IF WE ARE UNABLE TO ADAPT AS INTERNET TECHNOLOGIES AND CUSTOMER DEMANDS CONTINUE TO EVOLVE, OUR SERVICES AND PRODUCTS COULD BECOME LESS DESIRABLE.
The satisfactory performance, reliability and availability of our website, transaction-processing systems and network infrastructure are critical to our reputation and our ability to attract and retain customers and maintain adequate customer service levels. An unanticipated dramatic increase in the volume of traffic on our website or the number of orders placed by our customers may force us to expand and upgrade our technology, transaction-processing systems and network infrastructure. There can be no assurance that we will be able to accurately project the rate or timing of increases, if any, in the use of our website or timely expand and upgrade our systems and infrastructure to accommodate such increases. To be successful, we must adapt to our rapidly changing market by continually enhancing the technologies used in our Internet products and services and introducing new technology to address the changing needs of our business and customers. If we are unable, for technical, legal, financial or other reasons, to adapt in a timely manner in response to changing market conditions or business and customer requirements, our business could be harmed.
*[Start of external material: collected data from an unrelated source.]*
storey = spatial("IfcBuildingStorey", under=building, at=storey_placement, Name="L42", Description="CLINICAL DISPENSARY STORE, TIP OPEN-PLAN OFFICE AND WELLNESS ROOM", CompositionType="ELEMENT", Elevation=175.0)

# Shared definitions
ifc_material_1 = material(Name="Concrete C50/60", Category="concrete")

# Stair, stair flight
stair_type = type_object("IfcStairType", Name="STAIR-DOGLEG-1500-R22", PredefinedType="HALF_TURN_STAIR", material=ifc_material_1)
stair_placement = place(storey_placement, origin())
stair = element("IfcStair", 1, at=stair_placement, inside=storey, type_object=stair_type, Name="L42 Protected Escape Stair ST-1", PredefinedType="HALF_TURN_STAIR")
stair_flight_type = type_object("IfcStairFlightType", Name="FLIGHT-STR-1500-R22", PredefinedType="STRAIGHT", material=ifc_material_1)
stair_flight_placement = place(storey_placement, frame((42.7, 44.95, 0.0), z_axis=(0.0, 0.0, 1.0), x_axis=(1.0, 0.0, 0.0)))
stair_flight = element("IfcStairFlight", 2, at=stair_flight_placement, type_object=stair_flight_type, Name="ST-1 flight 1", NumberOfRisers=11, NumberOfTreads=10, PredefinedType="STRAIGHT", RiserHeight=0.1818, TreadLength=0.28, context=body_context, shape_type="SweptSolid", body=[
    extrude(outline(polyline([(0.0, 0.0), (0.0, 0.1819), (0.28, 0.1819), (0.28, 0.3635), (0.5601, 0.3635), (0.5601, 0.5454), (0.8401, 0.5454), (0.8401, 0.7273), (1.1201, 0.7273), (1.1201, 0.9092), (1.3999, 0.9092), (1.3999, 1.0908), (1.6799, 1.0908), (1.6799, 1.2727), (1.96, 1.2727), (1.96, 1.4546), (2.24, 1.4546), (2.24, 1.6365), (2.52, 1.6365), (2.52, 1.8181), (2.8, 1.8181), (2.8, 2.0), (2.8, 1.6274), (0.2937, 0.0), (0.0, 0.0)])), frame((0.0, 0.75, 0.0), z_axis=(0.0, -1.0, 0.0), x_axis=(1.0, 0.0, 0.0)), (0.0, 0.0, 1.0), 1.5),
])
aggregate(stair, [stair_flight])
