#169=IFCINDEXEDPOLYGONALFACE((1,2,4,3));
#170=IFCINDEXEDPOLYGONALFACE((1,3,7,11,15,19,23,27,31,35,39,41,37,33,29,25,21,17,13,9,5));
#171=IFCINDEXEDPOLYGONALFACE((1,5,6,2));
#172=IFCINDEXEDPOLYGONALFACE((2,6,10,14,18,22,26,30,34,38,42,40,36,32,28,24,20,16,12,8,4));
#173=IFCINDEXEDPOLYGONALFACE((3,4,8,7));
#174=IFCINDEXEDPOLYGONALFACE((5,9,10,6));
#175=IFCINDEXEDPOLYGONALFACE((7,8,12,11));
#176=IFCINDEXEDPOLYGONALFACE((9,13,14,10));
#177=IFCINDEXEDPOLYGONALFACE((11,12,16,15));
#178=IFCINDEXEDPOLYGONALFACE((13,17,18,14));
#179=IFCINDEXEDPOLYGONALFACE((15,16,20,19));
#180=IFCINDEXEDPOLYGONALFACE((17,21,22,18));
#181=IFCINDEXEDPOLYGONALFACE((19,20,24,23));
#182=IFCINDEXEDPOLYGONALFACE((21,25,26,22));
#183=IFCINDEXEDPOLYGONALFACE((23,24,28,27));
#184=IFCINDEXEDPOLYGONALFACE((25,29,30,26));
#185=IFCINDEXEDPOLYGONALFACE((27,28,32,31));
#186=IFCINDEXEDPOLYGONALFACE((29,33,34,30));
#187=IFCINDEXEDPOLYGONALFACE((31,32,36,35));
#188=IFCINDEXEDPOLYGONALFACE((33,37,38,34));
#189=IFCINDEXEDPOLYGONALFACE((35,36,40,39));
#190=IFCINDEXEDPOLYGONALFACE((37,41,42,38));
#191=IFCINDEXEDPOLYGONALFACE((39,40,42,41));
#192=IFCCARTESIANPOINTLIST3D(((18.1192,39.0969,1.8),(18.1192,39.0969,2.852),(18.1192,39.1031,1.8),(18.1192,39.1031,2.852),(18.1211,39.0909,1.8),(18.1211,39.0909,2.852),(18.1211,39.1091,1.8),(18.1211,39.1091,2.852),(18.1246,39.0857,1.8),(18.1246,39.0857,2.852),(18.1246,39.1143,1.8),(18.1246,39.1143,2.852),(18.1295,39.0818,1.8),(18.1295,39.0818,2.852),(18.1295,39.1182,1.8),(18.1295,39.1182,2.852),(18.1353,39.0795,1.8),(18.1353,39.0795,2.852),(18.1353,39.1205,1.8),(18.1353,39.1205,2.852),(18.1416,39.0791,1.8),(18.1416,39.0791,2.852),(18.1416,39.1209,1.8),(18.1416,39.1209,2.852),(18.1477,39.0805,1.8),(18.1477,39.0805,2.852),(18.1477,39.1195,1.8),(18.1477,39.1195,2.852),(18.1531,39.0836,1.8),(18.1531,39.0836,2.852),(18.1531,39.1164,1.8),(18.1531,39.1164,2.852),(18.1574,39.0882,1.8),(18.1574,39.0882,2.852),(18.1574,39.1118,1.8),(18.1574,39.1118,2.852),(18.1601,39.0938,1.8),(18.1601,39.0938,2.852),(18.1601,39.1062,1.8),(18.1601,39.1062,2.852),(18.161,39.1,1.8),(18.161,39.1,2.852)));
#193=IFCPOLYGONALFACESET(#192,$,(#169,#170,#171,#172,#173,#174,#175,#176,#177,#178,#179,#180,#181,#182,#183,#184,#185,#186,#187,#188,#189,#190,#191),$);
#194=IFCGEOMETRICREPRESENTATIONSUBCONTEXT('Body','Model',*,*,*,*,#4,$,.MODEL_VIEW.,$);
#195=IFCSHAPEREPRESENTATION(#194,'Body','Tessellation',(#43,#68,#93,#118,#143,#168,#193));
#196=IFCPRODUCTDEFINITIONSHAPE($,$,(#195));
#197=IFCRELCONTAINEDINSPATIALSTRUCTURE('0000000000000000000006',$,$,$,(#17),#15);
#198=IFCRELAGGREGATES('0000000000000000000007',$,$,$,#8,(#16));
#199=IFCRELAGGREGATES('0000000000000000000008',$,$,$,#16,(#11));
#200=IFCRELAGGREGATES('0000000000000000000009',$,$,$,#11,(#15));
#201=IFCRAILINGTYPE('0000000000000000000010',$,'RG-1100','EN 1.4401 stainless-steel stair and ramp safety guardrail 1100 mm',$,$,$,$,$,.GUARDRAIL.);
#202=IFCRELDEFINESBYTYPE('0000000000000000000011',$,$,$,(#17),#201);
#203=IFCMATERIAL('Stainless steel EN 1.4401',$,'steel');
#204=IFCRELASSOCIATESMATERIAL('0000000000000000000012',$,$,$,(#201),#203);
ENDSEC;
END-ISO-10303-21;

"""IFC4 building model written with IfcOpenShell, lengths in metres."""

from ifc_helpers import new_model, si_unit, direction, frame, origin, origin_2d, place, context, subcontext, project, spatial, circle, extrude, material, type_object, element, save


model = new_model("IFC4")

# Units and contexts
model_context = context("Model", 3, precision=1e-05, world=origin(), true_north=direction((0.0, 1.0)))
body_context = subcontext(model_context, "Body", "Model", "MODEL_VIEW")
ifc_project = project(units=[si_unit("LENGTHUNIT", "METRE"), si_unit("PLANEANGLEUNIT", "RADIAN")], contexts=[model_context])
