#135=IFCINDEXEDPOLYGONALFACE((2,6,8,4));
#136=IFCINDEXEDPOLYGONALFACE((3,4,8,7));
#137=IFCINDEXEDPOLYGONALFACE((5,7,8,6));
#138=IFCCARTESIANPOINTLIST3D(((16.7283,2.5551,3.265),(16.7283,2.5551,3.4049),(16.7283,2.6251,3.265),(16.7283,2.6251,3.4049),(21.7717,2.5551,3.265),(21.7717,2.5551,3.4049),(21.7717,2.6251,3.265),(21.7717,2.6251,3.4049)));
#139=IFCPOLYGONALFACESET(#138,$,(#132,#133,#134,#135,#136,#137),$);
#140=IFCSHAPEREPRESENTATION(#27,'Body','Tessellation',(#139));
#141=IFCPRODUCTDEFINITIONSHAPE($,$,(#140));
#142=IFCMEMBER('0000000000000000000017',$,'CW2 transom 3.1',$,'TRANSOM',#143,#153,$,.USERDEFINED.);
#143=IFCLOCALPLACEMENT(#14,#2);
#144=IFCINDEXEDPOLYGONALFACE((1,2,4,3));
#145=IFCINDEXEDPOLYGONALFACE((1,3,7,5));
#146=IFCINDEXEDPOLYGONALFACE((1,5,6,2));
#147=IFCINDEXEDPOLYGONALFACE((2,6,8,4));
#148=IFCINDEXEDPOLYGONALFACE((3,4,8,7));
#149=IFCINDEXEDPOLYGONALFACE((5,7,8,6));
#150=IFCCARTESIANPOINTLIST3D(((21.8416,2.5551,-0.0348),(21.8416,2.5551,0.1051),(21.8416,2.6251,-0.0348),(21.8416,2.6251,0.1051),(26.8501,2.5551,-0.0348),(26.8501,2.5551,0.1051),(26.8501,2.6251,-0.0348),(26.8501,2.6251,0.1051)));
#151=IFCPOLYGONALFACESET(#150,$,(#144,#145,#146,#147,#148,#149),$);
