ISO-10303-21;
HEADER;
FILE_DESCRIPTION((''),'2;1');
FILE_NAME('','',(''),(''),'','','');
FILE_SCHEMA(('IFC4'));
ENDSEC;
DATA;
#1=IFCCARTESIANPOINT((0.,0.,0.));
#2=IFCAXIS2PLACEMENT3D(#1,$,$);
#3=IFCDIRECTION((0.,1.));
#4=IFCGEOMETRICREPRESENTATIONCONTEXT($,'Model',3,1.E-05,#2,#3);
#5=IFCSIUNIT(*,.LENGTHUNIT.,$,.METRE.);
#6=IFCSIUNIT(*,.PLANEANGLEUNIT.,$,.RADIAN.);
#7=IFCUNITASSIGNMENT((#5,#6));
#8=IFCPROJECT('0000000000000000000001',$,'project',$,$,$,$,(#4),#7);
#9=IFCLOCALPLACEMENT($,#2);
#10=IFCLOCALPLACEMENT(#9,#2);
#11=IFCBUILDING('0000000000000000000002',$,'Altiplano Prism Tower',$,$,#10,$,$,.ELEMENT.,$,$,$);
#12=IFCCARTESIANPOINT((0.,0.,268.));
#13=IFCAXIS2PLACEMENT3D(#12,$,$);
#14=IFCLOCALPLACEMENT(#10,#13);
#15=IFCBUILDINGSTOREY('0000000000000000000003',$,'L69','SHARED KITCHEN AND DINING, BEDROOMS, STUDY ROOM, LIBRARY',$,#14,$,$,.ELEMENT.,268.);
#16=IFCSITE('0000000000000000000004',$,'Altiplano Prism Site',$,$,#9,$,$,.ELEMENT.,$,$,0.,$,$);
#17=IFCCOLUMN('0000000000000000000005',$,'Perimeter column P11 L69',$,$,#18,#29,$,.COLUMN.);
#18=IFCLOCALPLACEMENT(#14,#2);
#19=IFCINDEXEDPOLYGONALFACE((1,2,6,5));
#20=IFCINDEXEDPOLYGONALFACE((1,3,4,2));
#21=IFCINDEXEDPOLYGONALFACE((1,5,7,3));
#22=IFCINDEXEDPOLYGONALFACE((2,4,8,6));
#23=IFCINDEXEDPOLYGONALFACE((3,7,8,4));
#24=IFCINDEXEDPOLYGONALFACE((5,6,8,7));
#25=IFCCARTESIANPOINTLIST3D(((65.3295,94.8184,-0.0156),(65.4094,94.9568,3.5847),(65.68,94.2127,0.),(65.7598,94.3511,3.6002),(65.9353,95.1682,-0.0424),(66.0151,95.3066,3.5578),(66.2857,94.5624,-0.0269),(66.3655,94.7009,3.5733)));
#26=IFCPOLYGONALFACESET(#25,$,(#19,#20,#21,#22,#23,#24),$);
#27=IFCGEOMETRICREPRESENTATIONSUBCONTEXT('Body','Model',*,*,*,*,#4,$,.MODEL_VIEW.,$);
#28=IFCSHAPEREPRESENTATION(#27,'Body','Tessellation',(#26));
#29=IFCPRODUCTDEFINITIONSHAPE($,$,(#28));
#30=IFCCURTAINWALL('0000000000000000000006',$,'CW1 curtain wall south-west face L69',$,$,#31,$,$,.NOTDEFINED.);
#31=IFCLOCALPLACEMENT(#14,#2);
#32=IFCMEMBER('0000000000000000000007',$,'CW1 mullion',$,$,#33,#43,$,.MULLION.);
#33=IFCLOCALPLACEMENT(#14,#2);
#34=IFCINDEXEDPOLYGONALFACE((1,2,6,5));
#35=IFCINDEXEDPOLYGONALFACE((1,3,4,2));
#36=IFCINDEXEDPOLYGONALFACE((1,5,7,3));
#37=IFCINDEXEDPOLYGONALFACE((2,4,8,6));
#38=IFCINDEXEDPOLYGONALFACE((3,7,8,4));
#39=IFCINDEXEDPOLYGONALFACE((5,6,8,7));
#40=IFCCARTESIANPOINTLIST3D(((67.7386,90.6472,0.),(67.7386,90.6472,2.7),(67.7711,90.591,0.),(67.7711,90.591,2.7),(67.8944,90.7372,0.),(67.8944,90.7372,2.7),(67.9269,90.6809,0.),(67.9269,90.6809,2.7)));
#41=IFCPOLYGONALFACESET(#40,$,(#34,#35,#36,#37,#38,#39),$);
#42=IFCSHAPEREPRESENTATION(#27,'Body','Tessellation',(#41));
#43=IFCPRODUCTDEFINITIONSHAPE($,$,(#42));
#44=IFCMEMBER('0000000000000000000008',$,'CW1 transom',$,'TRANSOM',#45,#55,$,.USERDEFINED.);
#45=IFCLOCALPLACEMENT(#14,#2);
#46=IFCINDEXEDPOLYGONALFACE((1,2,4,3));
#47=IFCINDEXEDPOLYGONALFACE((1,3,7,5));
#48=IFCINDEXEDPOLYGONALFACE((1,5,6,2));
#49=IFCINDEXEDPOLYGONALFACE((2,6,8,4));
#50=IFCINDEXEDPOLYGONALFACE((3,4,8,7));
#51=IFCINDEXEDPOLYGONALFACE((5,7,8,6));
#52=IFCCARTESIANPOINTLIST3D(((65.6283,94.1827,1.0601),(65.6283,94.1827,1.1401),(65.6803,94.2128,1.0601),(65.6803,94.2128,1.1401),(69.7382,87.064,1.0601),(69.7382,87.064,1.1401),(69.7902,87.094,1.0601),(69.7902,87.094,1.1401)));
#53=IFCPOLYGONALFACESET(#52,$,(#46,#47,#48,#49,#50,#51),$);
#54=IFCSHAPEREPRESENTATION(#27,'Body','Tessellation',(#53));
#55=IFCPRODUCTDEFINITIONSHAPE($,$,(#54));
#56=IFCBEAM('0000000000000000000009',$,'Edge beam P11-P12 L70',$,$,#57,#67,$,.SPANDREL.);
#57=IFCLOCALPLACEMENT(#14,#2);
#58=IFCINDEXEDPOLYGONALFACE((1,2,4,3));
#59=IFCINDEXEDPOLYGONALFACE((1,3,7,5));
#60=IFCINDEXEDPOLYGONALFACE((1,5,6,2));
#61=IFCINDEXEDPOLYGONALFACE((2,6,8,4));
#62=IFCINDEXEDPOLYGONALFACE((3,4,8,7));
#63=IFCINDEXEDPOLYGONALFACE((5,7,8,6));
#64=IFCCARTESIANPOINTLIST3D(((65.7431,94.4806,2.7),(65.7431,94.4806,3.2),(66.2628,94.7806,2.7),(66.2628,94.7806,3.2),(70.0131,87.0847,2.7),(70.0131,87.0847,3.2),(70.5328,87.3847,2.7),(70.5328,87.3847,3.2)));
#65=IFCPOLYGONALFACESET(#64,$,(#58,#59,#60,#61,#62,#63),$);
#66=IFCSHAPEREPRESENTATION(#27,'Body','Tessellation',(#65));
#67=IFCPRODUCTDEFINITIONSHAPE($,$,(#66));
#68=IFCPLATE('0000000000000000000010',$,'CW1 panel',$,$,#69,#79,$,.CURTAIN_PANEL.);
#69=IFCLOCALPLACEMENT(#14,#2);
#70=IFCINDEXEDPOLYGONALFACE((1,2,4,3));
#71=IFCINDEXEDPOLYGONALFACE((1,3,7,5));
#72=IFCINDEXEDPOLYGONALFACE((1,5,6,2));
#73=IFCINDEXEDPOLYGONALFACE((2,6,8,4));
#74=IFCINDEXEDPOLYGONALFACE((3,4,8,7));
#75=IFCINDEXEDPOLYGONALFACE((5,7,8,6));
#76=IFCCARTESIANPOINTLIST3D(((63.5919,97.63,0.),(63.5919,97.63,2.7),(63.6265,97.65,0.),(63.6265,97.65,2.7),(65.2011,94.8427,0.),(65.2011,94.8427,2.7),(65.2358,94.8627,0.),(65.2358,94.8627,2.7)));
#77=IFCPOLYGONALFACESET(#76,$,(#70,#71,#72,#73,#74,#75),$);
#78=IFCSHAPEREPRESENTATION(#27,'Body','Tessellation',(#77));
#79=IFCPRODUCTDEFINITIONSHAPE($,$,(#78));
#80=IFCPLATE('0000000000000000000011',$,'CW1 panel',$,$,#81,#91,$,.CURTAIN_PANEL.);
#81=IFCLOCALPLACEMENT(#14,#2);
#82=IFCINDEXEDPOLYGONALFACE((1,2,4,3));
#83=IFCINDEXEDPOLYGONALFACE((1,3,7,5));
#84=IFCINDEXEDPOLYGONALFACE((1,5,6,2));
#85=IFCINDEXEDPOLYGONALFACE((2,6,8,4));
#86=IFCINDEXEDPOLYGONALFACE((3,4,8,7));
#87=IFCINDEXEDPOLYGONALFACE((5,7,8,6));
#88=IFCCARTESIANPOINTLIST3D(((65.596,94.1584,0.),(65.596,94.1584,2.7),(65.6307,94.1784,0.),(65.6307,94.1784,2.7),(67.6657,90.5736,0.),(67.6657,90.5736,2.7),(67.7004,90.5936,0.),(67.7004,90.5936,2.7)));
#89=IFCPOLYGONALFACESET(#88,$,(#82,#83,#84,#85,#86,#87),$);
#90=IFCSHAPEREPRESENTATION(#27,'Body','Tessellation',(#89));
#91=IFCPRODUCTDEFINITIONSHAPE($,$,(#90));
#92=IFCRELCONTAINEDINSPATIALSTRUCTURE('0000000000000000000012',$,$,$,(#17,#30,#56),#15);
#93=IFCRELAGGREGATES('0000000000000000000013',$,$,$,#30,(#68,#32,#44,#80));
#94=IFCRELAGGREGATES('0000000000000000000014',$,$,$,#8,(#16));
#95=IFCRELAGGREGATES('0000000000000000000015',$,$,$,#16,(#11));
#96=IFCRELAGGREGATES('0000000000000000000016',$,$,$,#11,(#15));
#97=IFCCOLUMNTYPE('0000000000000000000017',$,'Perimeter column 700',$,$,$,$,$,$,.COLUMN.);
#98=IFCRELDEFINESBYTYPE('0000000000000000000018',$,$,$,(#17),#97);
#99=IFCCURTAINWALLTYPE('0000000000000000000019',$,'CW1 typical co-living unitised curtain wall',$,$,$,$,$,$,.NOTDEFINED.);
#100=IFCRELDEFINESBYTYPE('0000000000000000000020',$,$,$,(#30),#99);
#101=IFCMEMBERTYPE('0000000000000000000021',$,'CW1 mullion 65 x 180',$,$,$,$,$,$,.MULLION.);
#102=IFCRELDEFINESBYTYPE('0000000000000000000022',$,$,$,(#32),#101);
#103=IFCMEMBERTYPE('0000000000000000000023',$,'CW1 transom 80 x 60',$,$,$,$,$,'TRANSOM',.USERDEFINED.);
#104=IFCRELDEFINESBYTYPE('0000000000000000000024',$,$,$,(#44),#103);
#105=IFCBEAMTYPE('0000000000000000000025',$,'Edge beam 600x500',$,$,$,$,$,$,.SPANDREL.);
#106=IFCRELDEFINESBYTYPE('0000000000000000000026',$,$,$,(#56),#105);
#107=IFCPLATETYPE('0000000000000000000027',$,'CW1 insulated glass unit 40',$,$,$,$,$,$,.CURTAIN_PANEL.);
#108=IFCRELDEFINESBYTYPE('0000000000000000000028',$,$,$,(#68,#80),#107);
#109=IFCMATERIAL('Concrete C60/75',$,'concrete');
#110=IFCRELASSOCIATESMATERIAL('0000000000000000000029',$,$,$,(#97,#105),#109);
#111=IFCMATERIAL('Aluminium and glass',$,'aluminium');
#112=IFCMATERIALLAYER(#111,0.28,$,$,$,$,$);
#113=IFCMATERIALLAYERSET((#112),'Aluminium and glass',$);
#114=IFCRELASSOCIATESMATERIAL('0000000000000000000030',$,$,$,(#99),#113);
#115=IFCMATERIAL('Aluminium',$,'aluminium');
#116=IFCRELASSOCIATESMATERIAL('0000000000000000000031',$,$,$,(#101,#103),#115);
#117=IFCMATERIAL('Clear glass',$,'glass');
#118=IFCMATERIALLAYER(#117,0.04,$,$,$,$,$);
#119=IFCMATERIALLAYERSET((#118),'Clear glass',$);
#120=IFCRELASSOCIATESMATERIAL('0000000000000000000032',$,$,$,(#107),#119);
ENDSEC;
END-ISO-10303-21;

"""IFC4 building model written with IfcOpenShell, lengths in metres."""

from ifc_helpers import new_model, si_unit, direction, frame, origin, origin_2d, place, context, subcontext, project, spatial, rectangle, extrude, material, layer, layer_set, material_profile, profile_set, type_object, element, aggregate, save


model = new_model("IFC4")

# Units and contexts
model_context = context("Model", 3, precision=1e-05, world=origin(), true_north=direction((0.0, 1.0)))
body_context = subcontext(model_context, "Body", "Model", "MODEL_VIEW")
ifc_project = project(units=[si_unit("LENGTHUNIT", "METRE"), si_unit("PLANEANGLEUNIT", "RADIAN")], contexts=[model_context])

# Site, building, storey
site_placement = place(None, origin())
site = spatial("IfcSite", under=ifc_project, at=site_placement, Name="Altiplano Prism Site", CompositionType="ELEMENT", RefElevation=0.0)
building_placement = place(site_placement, origin())
building = spatial("IfcBuilding", under=site, at=building_placement, Name="Altiplano Prism Tower", CompositionType="ELEMENT")
storey_placement = place(building_placement, frame((0.0, 0.0, 268.0)))
storey = spatial("IfcBuildingStorey", under=building, at=storey_placement, Name="L69", Description="SHARED KITCHEN AND DINING, BEDROOMS, STUDY ROOM, LIBRARY", CompositionType="ELEMENT", Elevation=268.0)

# Column
ifc_material_1 = material(Name="Concrete C60/75", Category="concrete")
ifc_material_profile_1 = material_profile(ifc_material_1, rectangle(XDim=0.7, YDim=0.7, at=origin_2d()), Name="Perimeter column 700")
ifc_profile_set_1 = profile_set([ifc_material_profile_1], Name="Concrete C60/75")
column_type = type_object("IfcColumnType", Name="Perimeter column 700", PredefinedType="COLUMN", material=ifc_profile_set_1)
column_placement = place(storey_placement, frame((65.8076, 94.6904, -0.0212), z_axis=(0.022154, 0.038413, 0.999016), x_axis=(-0.865365, -0.499669, 0.038403)))
element("IfcColumn", 1, at=column_placement, inside=storey, type_object=column_type, Name="Perimeter column P11 L69", PredefinedType="COLUMN", context=body_context, shape_type="SweptSolid", body=[
    extrude(rectangle(XDim=0.7, YDim=0.7, at=origin_2d()), origin(), (0.0, 0.0, 1.0), 3.6038),
])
We are currently upgrading our information systems, which includes substantially all aspects of transaction processing, including order management, cash and credit card processing, purchasing, inventory management and shipping in order to accommodate the Campus Outfitters acquisition, the continued growth of our textbook program, and to comply with the numerous reporting and control requirements imposed by the Sarbanes Oxley Act, including Section 404. Our success, in particular our ability to successfully receive and fulfill orders and provide high-quality customer service, largely depends on the efficient and uninterrupted operation of our computer and communications hardware systems. We launched the first phase of the upgraded new system in our second quarter of fiscal 2004, however, the systems upgrades were complex. This complexity can make it difficult to detect errors or failure in our website prior to implementation. We may not immediately discover errors in our new system until the volume of orders placed by our customers significantly increases from the levels we experienced in our last fall back to school season. As a result, the upgraded website may not achieve the expected benefits. Unanticipated problems with our website may result in customer dissatisfaction, a loss of, or delays in, the market acceptance of our website, and lost revenue and collection difficulties during the period required to correct these errors. Failure to correct these problems may harm our reputation, our brand and our business.
WE DEPEND ON A THIRD-PARTY SERVICE PROVIDER FOR OUR INFORMATION TECHNOLOGY INFRASTRUCTURE. IF OUR THIRD-PARTY SERVICE PROVIDER EXPERIENCES ANY SYSTEM FAILURE OR INADEQUACY, OUR OPERATIONS COULD BE JEOPARDIZED.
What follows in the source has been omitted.